Jun 16 2014
By Joanna Lyford, Senior medwireNews Reporter
The immune response in young children with bacterial acute otitis media (AOM) differs between individuals who are prone to such infection and those who are not, US researchers have shown.
Their finding offers new insights into the different capacities of children to respond to nasopharyngeal colonisation and middle ear infections, say Michael Pichichero and David Verhoeven, from Rochester General Hospital in New York.
Streptococcus pneumoniae and Haemophilus influenzae frequently colonise the nasopharynx mucosa of infants and reflux through the Eustachian tubes to cause AOM. Children can be classified as prone to such infection, typically experiencing three to four middle ear infections per year, or non-prone, with few or no such infections.
In this study, Pichichero and Verhoeven assessed the immune response in three compartments of the body – nasopharynx, middle ear and systemic peripheral blood – of 16 AOM-prone children with a current episode and eight non-prone children without AOM or upper respiratory infection.

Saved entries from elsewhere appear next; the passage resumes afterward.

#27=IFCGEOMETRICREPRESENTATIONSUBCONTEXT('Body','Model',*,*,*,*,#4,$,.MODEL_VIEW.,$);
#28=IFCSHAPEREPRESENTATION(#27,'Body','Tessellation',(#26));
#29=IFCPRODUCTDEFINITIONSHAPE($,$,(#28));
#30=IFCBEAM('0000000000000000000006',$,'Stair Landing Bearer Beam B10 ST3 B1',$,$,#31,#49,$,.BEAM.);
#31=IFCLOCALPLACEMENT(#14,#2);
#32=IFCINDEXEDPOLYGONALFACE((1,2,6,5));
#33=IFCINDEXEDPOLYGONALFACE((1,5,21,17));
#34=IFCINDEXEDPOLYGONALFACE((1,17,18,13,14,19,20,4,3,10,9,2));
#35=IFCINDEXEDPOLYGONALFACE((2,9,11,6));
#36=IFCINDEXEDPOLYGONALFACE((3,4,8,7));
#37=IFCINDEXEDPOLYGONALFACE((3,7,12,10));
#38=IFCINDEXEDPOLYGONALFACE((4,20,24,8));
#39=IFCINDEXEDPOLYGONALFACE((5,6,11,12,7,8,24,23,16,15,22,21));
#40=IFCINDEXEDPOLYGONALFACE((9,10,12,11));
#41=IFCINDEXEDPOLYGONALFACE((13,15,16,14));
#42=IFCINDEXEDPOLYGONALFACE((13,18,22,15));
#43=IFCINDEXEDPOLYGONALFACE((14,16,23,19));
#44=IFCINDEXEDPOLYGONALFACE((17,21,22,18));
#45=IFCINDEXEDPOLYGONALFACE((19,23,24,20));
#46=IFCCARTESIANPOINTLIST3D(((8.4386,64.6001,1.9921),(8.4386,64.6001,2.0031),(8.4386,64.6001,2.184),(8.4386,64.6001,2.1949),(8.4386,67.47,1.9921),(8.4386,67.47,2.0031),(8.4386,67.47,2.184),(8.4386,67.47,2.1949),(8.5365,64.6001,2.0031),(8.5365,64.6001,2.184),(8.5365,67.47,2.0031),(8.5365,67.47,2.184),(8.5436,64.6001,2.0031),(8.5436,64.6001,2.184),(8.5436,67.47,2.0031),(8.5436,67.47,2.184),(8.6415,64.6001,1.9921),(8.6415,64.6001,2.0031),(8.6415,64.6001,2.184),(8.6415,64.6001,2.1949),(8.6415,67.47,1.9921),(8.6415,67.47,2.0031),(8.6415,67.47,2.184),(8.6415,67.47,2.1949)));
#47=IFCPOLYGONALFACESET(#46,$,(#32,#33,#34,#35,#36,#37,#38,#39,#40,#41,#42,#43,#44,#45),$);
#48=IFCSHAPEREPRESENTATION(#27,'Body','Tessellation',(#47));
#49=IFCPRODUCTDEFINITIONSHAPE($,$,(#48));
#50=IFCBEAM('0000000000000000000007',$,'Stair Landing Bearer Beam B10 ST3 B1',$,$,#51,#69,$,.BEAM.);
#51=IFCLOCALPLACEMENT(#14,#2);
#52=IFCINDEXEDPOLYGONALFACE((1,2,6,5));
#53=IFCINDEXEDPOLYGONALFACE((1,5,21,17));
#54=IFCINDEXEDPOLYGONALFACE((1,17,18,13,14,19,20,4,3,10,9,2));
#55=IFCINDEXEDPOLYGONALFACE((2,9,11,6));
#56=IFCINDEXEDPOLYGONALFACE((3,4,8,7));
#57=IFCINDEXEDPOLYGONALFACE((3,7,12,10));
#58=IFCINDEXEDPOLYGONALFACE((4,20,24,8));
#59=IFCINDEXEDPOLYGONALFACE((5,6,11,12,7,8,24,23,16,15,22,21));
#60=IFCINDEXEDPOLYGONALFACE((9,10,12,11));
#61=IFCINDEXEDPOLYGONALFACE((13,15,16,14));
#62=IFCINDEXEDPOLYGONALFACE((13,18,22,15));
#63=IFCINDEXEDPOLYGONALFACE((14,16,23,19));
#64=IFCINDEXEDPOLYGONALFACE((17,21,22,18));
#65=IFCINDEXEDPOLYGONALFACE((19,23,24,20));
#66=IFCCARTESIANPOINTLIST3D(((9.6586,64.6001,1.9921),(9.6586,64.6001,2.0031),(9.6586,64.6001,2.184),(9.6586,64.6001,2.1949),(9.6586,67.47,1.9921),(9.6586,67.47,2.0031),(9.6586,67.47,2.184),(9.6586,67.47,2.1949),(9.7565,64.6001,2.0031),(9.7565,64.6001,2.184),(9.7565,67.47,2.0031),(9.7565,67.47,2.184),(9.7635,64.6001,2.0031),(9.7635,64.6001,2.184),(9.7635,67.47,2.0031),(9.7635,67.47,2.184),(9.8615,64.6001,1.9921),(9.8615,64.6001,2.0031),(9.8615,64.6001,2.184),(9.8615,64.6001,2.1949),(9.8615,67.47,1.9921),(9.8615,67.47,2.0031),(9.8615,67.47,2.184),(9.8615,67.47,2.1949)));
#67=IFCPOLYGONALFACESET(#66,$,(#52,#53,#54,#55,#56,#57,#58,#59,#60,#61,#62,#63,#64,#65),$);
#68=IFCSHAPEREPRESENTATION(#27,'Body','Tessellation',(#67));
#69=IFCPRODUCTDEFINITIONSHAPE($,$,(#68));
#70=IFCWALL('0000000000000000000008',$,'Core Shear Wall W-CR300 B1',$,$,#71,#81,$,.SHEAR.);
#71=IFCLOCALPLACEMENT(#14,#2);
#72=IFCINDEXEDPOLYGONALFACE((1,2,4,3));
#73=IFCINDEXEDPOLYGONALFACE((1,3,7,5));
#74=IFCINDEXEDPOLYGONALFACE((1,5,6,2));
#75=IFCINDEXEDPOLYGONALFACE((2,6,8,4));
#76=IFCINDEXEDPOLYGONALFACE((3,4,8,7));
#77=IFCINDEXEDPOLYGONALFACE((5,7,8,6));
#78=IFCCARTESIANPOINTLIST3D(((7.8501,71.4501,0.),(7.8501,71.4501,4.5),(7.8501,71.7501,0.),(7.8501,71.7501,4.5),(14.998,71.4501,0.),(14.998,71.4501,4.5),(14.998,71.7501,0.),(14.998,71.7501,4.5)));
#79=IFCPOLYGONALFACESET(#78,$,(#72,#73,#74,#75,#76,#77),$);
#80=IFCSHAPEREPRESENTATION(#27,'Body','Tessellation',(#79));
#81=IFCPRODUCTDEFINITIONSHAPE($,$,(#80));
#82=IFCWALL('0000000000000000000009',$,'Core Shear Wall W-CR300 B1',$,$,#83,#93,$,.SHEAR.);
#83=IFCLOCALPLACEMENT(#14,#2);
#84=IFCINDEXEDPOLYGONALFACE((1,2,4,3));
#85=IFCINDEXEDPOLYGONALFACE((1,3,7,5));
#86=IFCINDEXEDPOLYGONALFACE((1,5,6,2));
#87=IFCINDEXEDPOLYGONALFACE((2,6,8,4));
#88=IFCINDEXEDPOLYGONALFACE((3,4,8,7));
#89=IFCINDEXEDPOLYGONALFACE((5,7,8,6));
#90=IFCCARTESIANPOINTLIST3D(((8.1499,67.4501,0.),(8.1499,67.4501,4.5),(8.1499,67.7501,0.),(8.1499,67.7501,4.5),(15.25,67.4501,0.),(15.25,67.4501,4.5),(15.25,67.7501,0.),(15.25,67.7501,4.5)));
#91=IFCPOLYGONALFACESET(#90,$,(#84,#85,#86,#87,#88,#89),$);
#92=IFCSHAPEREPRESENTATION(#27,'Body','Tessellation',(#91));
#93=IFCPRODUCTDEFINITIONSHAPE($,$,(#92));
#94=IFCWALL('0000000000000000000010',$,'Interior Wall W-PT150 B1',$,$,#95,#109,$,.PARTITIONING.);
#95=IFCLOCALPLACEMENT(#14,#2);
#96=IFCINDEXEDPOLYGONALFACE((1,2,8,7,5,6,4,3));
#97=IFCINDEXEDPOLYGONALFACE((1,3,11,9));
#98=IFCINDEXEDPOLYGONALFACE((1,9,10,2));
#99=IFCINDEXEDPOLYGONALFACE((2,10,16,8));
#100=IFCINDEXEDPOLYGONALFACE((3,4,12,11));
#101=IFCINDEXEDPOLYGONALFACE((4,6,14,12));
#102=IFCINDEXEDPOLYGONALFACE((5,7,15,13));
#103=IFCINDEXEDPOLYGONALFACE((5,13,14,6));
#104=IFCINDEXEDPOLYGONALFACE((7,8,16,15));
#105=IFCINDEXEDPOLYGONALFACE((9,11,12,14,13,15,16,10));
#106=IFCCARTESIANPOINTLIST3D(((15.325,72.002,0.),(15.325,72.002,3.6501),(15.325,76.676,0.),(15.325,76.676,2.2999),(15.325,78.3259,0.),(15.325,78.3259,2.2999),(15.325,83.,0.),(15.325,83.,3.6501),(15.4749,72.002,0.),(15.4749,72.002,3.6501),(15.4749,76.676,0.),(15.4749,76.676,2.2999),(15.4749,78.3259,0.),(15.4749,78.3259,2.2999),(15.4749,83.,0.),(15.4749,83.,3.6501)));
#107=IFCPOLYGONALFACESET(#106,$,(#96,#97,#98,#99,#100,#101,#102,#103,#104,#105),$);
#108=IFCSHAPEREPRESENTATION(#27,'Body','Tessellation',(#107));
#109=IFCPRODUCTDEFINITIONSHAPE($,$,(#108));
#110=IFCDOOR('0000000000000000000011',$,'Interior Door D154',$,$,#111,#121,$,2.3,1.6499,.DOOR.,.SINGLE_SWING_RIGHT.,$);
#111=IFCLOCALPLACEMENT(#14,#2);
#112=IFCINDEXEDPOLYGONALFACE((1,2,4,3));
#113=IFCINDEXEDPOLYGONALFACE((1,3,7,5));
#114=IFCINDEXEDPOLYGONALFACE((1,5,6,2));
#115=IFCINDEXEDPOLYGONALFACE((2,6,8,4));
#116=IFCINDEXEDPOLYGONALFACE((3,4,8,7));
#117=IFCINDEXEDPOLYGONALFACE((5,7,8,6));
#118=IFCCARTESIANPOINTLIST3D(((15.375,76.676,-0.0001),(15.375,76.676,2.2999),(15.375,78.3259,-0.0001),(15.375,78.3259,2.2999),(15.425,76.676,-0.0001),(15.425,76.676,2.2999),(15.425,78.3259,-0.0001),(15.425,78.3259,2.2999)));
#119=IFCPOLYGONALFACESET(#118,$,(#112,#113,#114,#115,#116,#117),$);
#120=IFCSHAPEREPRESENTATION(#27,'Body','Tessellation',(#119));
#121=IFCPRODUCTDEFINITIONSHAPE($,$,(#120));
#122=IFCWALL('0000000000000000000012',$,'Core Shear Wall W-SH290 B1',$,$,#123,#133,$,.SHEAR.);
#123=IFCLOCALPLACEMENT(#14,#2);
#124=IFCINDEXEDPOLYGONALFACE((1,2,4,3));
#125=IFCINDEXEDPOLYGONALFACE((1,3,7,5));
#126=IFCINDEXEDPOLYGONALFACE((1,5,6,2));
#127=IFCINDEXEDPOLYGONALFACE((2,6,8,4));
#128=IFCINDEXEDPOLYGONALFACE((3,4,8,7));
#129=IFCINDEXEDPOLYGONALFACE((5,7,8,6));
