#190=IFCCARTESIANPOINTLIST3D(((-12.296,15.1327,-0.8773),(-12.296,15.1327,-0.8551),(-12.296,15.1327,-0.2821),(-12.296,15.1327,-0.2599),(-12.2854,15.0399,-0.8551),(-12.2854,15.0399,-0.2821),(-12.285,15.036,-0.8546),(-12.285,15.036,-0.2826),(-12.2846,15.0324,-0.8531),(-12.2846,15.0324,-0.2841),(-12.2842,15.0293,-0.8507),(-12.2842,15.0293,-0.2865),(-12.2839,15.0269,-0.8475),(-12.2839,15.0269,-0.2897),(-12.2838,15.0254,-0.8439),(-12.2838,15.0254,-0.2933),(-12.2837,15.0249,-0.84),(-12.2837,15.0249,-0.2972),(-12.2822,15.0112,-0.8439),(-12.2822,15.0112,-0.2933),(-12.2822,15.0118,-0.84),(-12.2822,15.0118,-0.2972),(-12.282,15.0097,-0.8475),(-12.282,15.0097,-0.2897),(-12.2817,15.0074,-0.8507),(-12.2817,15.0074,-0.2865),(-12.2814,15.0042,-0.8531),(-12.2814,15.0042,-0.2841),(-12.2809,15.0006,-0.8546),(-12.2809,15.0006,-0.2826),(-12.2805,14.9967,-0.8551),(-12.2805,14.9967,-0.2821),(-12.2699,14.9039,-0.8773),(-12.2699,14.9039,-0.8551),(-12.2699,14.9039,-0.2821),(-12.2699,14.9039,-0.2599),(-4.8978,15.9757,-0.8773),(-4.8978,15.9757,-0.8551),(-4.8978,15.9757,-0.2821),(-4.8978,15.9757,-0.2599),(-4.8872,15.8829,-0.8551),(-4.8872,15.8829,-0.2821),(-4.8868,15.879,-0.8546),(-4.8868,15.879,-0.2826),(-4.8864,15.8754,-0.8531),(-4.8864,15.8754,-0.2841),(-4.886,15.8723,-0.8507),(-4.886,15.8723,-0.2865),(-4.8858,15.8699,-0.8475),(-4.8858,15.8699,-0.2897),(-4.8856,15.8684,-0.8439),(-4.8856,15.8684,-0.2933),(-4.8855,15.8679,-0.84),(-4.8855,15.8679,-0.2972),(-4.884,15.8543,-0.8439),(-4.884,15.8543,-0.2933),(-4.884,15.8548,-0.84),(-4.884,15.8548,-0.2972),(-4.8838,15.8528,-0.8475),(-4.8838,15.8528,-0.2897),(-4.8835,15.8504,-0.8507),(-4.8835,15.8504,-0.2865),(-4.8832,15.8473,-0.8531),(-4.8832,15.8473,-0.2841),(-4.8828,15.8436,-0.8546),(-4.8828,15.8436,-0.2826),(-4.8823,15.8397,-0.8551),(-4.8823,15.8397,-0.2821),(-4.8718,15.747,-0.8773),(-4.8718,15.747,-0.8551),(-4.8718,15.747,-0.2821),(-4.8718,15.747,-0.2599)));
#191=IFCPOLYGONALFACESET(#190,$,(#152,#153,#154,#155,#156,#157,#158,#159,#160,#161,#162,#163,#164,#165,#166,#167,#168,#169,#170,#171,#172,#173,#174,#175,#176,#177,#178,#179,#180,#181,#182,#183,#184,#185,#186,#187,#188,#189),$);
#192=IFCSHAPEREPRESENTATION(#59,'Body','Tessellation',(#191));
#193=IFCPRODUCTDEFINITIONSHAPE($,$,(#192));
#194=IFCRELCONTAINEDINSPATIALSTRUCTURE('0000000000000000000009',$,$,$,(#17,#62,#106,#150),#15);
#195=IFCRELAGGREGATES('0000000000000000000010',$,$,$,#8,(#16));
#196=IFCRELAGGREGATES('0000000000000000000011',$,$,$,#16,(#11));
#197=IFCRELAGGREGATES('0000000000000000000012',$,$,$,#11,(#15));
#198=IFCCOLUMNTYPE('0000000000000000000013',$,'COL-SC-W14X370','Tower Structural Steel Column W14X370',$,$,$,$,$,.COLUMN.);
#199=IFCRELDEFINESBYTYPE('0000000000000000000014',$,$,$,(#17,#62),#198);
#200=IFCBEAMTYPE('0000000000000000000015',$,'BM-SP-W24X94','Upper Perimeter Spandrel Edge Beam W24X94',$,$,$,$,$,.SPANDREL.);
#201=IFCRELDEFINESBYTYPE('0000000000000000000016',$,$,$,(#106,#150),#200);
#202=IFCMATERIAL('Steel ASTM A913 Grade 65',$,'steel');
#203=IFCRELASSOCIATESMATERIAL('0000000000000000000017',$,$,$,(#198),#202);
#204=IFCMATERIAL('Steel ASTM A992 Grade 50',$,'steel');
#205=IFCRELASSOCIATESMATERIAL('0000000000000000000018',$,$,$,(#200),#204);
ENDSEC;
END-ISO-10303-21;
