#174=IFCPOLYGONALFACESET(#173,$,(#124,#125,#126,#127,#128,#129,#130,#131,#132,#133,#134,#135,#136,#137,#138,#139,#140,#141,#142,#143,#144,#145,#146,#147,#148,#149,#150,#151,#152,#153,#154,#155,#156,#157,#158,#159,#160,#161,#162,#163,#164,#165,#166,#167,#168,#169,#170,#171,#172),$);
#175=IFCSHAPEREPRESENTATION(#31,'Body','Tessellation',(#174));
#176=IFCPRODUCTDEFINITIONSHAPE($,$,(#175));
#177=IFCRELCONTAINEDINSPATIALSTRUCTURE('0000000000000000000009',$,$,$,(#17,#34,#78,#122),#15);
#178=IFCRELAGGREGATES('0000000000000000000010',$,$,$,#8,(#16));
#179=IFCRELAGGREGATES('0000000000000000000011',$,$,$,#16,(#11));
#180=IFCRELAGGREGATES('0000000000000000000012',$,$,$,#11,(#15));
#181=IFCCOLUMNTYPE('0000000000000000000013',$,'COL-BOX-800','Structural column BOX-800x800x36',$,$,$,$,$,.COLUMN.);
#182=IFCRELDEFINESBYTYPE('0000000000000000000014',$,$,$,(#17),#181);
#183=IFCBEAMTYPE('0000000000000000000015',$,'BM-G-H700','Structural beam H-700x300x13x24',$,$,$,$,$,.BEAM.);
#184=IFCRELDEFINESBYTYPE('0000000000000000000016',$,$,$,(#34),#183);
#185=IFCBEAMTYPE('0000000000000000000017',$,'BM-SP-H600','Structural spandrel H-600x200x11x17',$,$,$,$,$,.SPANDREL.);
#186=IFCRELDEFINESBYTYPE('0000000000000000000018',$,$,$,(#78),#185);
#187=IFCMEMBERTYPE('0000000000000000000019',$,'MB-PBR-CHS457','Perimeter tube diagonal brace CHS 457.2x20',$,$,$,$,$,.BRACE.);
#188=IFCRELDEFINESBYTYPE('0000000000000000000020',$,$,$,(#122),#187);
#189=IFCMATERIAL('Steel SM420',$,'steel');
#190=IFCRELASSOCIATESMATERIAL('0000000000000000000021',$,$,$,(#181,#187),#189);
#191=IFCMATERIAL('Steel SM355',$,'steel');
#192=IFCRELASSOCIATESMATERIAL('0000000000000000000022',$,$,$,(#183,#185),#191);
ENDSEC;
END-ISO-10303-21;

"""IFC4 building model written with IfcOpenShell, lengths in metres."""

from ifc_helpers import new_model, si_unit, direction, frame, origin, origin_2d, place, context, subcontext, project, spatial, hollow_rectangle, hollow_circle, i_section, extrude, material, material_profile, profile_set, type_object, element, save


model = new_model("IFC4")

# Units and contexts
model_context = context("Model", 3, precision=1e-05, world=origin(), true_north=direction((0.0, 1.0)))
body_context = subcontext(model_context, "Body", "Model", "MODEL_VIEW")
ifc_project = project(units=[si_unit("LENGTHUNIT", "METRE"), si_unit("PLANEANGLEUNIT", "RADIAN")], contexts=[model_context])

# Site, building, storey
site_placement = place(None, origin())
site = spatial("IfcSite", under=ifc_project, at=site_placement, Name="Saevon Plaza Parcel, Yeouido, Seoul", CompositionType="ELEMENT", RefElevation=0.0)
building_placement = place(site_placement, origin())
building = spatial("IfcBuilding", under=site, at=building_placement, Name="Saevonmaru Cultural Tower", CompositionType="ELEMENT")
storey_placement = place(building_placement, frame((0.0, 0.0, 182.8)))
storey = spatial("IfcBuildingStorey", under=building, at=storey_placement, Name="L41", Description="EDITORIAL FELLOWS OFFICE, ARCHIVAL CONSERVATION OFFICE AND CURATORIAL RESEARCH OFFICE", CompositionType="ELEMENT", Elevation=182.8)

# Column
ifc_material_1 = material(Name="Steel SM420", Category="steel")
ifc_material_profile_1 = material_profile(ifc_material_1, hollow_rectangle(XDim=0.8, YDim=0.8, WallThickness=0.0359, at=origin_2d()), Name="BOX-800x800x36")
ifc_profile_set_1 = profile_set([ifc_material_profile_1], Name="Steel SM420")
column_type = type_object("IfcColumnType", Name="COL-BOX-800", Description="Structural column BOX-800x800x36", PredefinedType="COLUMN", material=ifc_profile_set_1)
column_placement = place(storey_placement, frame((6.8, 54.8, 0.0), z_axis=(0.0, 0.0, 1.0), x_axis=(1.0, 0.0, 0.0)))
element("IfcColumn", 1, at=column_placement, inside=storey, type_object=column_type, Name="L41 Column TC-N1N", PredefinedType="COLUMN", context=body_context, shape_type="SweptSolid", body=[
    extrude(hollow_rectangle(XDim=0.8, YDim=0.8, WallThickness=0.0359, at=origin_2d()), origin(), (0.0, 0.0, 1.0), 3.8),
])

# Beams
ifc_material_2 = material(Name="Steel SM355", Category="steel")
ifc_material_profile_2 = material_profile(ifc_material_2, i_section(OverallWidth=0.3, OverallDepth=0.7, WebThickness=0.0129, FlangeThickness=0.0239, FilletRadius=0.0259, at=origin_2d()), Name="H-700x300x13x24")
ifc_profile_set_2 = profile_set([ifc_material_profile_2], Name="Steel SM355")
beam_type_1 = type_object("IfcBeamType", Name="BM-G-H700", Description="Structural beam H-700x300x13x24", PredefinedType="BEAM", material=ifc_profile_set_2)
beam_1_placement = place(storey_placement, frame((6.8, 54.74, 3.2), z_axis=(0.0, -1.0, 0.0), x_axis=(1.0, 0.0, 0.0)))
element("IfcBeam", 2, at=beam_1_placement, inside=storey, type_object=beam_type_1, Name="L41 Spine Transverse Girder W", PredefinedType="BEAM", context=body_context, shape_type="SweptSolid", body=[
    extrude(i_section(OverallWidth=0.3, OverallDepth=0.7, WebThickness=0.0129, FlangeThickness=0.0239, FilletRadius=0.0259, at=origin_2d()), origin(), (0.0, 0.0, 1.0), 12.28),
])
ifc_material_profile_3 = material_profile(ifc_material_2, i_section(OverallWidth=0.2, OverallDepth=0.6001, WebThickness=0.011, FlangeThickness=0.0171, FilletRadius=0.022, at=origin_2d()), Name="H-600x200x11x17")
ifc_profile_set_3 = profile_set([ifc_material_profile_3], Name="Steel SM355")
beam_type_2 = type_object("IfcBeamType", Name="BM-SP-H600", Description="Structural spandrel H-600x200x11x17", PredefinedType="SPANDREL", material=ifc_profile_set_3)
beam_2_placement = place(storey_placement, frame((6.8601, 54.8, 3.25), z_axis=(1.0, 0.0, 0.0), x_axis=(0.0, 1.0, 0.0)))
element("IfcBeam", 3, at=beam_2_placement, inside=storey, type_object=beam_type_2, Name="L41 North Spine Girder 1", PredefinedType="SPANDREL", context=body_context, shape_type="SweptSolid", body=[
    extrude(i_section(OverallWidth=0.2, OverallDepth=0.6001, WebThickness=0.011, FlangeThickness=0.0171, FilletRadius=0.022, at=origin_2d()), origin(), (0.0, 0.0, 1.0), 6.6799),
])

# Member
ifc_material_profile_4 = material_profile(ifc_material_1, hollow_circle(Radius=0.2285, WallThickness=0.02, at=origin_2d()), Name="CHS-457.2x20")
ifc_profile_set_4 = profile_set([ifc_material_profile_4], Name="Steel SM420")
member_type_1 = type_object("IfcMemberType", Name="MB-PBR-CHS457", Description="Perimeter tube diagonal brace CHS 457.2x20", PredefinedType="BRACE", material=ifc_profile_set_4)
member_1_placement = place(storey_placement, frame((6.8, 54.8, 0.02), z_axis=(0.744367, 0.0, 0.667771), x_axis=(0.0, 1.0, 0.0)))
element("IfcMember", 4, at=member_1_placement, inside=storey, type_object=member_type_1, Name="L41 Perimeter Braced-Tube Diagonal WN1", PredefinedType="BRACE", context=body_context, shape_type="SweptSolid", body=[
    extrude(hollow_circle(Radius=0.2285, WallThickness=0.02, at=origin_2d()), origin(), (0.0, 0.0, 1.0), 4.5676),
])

All children were aged approximately 9 to 18 months.Writing in Clinical & Experimental Immunology, the authors reveal that AOM-prone children had lower levels of interferon (IFN)-γ and interleukin (IL)-2 from pathogen-specific memory CD4 T-cells in their peripheral blood than non-prone children. This same was true for plasma.
In the nasal mucosa, IL-2 expression was higher in infection-prone than non-prone children whereas expression levels of IFN-γ and IL-17a were similar in the two groups. Conversely, levels of cytokines responsible for T-cell expansion and survival such as insulin-like binding protein 4 and IL-7 were lower in AOM-prone versus non-prone children.
Analysis of fluid taken from the middle ear indicated that, as in the nasal mucosa, IFN-γ and IL-17a transcript levels were similar in the two groups of children whereas levels of IL-2 responses were lower in non-prone than AOM-prone children.
Taken together, the findings suggest that cytokine levels in the middle ear are more similar to those of the nasal mucosa than peripheral blood, “suggesting that proximal mucosal sites may better predict the quality of the middle ear response than peripheral blood”, write Pichichero and Verhoeven.
They conclude: “These data suggest a divergence in potential protection from activation induced apoptosis could exist in infection prone and non-prone children. Future studies will examine cytokine mechanisms mediating the expansion and/or survival of T-cells in both populations with respect to lower antigen specific CD4 T-cells.”